I blow out a giant breath of air, irritation bursting through my veins. I’ve been like this the whole time, ever since I first saw Jodi with fucking Lucas. Like I’m on the edge of everything I can handle, and anything else will explode. I curl my fists tighter, trying to keep it all locked away. I don’t want Josh to feel the brunt.
“Right. Well, is there anything else you want to talk to me about?”
“No, I suppose not. I just came in to check on how you are.”
“Yeah, well, you can see. I’m doing fucking marvelous . . . is that what you want?”
“I don’t want any of this. I just want the old Brock back. This has changed you.”
That comment knocks me sideways. I knew everything was hard, but it’s taken a lot for Josh to say this to me. He must really think that I’ve changed. I don’t like this one bit. It winds me up that I’ve let another woman do this to me, take me out of my comfort zone and turn me into someone else.
“Right, well whatever. I’ve got a lot to do, so I’ll speak to you later on, okay?”
Just as he’s about to leave, I see another face peeking around the corner. Shelley, with a guilty expression playing on her lips. It takes everything I have not to yell at everyone to just get out.
“Hey, Brock, I just wanted to pop in to see what’s going on here?”
“Why?” My expression hardens, and I fold my arms across my chest. “So everyone can gossip about it?”
“No, boss, we’re all just concerned about you. You don’t have a new PA, and you seem very stressed.”
“Shelley, I know you aren’t here because of me. You don’t ever go out of your way to talk to me unless it’s work-related and you have to, so what is it? Hmm? What’s going on?”
“This is work-related. I want to know that everything is running smoothly, that’s all.”
“No, it isn’t that. I know it isn’t, so why don’t you just be honest with me?”
“Have you spoken to Jodi?” Those words fly out of her mouth so rapidly she almost trips over them all as she goes. “I keep trying to get hold of her, to speak to her. She’s my friend, and she won’t speak to me . . .”
“Are you trying to pretend you don’t know what happened between me and Jodi?”
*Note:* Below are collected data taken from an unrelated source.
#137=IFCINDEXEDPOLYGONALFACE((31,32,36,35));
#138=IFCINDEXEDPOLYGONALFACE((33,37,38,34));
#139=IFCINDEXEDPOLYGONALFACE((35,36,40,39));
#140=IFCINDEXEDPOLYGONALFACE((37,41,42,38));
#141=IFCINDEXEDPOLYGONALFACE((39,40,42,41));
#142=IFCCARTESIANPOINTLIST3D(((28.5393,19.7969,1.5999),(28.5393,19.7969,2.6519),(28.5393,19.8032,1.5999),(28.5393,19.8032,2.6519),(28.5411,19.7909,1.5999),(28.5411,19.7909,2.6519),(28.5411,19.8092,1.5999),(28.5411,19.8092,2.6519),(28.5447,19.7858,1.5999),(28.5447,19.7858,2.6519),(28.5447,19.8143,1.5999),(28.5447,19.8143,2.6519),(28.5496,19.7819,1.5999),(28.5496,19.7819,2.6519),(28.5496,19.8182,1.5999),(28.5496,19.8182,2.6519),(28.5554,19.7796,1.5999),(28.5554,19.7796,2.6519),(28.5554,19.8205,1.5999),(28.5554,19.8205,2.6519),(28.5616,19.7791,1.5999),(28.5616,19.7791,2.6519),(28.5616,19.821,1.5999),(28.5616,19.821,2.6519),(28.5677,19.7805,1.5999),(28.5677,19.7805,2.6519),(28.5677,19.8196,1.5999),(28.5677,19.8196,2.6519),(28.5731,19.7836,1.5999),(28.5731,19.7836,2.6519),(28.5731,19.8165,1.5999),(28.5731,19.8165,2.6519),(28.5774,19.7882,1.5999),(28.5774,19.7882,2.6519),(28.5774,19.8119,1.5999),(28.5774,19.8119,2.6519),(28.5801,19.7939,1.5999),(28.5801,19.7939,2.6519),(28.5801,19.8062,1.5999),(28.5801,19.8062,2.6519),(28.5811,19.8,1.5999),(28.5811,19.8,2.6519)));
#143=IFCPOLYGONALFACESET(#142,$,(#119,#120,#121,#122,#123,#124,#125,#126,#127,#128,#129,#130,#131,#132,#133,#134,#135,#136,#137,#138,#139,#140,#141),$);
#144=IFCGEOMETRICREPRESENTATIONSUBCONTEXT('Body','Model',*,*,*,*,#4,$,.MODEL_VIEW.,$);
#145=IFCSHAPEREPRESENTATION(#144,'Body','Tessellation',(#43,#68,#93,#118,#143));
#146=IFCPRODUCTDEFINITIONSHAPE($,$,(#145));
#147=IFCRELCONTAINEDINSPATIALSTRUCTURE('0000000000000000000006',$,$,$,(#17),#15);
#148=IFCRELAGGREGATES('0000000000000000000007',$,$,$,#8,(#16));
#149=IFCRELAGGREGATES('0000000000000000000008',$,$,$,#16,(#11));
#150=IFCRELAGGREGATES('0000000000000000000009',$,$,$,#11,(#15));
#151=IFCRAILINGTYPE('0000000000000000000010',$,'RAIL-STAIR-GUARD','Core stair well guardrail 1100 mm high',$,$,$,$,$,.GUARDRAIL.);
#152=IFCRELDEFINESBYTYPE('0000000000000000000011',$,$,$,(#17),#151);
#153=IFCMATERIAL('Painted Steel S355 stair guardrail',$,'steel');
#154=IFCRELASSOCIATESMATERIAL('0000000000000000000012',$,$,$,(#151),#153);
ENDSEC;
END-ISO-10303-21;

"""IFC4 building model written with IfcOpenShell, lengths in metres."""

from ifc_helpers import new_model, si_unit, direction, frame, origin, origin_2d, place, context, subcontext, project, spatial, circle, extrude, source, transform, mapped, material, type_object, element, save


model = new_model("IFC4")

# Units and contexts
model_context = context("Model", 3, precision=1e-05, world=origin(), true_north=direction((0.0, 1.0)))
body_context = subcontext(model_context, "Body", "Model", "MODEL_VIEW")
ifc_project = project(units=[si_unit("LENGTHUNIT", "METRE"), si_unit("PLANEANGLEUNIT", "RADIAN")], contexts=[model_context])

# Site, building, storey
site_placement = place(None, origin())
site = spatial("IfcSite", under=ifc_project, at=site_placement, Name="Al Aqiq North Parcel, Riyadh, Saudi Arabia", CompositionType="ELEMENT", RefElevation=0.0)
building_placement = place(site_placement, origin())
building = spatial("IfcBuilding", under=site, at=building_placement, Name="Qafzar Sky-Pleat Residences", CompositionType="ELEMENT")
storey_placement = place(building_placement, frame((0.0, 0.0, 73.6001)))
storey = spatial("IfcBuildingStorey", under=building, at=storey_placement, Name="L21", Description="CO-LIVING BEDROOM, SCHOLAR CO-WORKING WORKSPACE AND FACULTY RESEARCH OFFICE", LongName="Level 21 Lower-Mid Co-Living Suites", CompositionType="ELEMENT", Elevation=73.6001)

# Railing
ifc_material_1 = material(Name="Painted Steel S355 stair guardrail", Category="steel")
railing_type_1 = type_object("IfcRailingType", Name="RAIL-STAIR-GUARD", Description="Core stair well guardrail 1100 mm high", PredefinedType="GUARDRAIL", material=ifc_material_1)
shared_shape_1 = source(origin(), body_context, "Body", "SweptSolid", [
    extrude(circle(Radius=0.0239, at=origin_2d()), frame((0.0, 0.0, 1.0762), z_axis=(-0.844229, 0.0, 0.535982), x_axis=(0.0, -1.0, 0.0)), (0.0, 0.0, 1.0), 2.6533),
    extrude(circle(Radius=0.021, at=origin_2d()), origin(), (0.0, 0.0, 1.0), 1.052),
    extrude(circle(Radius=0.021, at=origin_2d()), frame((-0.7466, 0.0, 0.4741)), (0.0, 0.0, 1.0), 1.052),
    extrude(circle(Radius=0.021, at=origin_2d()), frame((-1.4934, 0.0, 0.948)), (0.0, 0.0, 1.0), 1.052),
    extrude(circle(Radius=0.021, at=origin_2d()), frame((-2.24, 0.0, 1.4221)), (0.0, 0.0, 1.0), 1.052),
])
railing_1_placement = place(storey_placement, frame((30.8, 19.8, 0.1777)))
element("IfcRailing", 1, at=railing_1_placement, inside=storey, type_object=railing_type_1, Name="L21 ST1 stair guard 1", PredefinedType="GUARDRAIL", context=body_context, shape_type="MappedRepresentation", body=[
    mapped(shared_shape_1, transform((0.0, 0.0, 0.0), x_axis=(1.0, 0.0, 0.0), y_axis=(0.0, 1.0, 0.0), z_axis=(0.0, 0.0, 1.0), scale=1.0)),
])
“I don’t really know anything. You broke up, and she isn’t here anymore. I guess she lost her job at the same time.”
“It wasn’t like that. It wasn’t straightforward. Don’t make out that I’m the bad person.”
“I’m not. I’m just trying to figure out what’s wrong. I’m hoping I haven’t upset her.”
“No, trust me, you haven’t upset her. I’m sure she’ll speak to you whenever she’s ready.” I push myself up from my desk, unable to focus on work anymore. Not with everyone digging at me. “But I’m getting out of here now. I have to get home. I need to send some emails from there. I’ll speak to you later on.”
I see Shelley and Josh share a look, but I choose to ignore it. Let them think what they want. I know the truth. I like burying myself in work at the moment. It’s usually a good distraction, but it doesn’t seem to be working for this.
* * *
“Mom, stop looking at me like that. I came here for a rest from it all. I don’t need a lecture from you too.”
“I haven’t said anything yet! I’m just sitting here opposite you. It seems like you have a guilty conscience.”
I peek out of one eye, giving Mom a look. I only came to see her because being at home alone wasn’t working out for me. Now I regret it a lot. She’s going to start digging in a moment. I should’ve prepared for this.
“Go on, Mom. I can see the questions behind your eyes. You might as well get it out.”
“I just haven’t seen you for a while, Brock, so I want to know what’s going on with you.”
“You mean with regards to Jodi?” She doesn’t deny it. “I already told you over the phone.”
“You told me that you and she broke up, but I never learned more than that. I know you might not want to talk about it too much, but it seems to me like you need to get it off your chest.”
“I don’t need to get anything off my chest. I don’t want to talk about it, that’s all.”
“Did you do something?” she persists, ignoring what I want completely.
“No, I didn’t do something. I didn’t want it to end. It wasn’t me that made it fall apart.”
“No, I thought you didn’t. I haven’t ever seen you as happy as you were with her. It’s weird.”
“If you thought I was happy, then why do you think I’m the one who did something?”